We fished with pooh bear sunday near D can also.Caught our last of 36the fish right at noon.He used scorpion spoons at 1.7knts with tru trips at 30 and 35 leads.


----------



## BudManCharters (Apr 20, 2012)

Great job rnewman. Keep up the good work. We pulled Pooh Bear Chartreuse and Jager Bomb scorpion spoons on Sunday. Both worked well.


----------



## Leschamp19 (Aug 21, 2010)

Budman ,
How much of a lead do u run in between the spoon and the jet ?


Outdoor Hub mobile, the outdoor information engine


----------



## Hook N Book (Apr 7, 2004)

His initial post answers your question.


----------



## Lundking (Apr 15, 2013)

No I you guys have your "leads" mixed up. Leschamp is referring to the leader I believe not the actual amount of line between rod tip and diver. 

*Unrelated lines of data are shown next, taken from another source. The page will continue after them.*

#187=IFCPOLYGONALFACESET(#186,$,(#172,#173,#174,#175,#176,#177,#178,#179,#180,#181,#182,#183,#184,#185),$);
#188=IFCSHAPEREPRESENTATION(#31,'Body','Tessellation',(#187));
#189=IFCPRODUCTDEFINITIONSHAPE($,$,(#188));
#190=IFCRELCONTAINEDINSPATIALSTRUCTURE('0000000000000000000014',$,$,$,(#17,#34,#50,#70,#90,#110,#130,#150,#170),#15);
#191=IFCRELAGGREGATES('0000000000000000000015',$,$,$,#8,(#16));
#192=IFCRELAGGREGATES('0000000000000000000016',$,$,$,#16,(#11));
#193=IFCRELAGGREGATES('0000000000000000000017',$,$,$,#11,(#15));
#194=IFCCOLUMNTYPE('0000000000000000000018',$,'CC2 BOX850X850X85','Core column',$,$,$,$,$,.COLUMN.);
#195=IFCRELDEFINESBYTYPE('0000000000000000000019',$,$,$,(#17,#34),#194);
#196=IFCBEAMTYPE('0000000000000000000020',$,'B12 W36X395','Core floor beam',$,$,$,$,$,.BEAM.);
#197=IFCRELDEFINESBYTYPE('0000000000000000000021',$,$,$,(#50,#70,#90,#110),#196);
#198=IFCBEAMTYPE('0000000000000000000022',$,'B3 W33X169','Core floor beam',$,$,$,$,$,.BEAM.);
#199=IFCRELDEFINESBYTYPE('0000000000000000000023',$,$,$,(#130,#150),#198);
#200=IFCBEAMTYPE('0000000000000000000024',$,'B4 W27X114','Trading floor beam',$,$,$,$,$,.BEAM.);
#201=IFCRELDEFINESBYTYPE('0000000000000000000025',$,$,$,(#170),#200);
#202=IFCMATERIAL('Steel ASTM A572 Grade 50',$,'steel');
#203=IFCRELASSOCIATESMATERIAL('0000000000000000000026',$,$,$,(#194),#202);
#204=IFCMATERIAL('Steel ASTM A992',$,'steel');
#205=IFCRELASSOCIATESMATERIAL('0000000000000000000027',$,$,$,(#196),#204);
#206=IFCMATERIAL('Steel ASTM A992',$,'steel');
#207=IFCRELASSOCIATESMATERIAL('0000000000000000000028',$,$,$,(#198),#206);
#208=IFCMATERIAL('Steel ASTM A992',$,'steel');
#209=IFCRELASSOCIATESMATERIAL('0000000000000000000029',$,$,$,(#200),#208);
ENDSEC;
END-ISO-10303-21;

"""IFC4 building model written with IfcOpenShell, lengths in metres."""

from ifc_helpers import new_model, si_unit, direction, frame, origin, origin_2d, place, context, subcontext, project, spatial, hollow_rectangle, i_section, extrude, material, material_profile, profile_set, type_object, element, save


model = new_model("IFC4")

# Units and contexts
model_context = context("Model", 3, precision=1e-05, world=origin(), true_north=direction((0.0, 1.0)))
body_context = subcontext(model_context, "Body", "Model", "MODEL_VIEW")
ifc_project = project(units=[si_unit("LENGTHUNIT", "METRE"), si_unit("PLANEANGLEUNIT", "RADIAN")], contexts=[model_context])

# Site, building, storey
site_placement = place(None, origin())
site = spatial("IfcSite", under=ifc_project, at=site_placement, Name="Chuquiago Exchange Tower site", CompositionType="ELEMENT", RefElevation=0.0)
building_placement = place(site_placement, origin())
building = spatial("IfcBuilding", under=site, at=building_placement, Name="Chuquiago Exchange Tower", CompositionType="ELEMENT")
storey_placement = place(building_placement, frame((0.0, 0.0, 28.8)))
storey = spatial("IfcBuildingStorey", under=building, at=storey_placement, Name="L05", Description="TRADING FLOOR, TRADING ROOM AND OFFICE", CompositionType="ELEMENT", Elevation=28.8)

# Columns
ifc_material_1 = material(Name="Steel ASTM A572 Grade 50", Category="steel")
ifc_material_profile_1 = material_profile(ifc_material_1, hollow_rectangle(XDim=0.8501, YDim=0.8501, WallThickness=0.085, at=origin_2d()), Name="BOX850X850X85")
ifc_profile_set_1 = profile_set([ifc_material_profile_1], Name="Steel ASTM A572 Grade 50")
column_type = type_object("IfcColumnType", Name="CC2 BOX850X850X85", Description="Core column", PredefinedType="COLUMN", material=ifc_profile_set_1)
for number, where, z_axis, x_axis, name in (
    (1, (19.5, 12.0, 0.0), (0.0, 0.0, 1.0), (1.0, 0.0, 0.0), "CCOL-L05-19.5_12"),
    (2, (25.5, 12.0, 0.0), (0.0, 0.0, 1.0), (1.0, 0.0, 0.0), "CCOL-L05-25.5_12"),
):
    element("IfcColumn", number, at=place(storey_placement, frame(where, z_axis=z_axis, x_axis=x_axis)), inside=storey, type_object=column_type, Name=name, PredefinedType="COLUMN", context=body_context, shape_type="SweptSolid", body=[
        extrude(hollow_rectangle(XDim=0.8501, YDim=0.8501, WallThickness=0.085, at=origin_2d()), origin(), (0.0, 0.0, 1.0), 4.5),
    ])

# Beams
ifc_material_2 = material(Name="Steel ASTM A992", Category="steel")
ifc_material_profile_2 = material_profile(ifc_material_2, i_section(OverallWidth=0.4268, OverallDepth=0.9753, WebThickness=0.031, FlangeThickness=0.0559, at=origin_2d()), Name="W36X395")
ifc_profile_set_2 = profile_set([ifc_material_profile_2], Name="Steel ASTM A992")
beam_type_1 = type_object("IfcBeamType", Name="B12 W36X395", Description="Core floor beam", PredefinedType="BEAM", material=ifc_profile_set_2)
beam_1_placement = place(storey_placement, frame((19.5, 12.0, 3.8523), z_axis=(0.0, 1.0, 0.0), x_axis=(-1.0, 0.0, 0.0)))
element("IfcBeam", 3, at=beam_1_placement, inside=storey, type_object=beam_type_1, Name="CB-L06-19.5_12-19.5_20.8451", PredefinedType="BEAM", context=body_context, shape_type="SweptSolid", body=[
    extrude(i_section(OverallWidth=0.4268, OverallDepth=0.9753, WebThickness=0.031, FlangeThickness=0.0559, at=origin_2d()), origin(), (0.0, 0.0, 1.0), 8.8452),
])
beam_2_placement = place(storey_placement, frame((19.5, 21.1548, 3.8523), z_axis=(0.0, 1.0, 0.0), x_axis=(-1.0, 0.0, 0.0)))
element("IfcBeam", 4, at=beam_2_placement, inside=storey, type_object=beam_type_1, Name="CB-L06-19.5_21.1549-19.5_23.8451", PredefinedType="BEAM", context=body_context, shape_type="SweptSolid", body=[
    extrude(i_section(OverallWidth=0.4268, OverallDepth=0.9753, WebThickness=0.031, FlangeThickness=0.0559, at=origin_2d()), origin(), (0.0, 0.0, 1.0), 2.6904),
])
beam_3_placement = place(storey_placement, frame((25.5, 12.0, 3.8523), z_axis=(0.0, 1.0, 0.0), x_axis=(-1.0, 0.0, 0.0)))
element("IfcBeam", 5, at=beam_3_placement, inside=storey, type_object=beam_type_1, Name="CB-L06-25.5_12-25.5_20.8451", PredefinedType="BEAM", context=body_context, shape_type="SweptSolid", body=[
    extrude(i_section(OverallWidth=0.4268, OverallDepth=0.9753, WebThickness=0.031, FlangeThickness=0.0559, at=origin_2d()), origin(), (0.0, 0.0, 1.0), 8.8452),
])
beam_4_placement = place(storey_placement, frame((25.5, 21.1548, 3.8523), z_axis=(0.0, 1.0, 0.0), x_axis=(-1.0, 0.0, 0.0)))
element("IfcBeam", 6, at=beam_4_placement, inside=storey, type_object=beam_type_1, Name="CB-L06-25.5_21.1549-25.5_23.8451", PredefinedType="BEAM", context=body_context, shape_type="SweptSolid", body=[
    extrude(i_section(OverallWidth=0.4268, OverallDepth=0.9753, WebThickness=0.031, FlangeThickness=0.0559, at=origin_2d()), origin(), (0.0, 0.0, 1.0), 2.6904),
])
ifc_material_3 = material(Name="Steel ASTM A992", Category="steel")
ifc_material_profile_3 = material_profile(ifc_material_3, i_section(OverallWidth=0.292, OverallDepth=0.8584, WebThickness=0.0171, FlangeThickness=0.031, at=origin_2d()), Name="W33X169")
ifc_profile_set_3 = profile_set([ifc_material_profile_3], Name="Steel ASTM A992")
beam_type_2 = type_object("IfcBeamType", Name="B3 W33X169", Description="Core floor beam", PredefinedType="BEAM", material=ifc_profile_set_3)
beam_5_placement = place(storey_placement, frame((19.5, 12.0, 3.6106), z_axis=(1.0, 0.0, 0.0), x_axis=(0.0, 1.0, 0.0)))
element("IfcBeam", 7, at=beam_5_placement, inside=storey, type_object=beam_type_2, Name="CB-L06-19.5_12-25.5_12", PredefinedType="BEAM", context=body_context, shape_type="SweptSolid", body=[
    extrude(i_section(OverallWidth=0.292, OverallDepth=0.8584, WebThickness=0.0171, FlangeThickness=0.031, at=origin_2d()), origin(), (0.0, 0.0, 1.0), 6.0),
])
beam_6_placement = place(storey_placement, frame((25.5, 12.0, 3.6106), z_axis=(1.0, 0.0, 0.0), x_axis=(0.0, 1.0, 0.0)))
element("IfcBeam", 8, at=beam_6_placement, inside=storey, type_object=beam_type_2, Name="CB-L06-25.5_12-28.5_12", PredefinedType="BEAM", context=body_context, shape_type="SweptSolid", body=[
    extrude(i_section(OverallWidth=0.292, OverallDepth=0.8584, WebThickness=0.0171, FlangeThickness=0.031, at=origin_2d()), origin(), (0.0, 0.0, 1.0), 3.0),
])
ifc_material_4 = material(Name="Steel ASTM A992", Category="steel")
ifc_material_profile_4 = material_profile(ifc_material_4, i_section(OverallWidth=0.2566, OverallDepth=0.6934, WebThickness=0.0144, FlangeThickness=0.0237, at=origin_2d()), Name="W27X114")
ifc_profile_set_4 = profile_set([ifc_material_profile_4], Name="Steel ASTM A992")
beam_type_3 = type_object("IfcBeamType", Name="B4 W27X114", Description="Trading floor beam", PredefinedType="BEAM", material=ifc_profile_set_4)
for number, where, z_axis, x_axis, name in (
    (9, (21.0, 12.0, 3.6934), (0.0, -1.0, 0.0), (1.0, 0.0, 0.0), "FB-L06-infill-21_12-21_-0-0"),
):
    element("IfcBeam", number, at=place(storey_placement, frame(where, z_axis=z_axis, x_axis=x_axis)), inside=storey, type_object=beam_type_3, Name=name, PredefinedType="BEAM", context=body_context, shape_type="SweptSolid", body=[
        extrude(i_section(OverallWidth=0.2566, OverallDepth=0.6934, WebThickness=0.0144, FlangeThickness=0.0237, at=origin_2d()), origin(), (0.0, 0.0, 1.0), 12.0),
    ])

I run between 5-8 feet depending on water clarity


----------



## Leschamp19 (Aug 21, 2010)

You are right lundking, I was talking about the leader ! I guess I should have been a little more specific ! 


Outdoor Hub mobile, the outdoor information engine


----------



## JoyOfFishing (Oct 3, 2012)

Do you put meat on the spoon or is it better w/o so that it has better action?


----------



## Lundy (Apr 5, 2004)

Budman,

Did you used to dock in the Vermilion river?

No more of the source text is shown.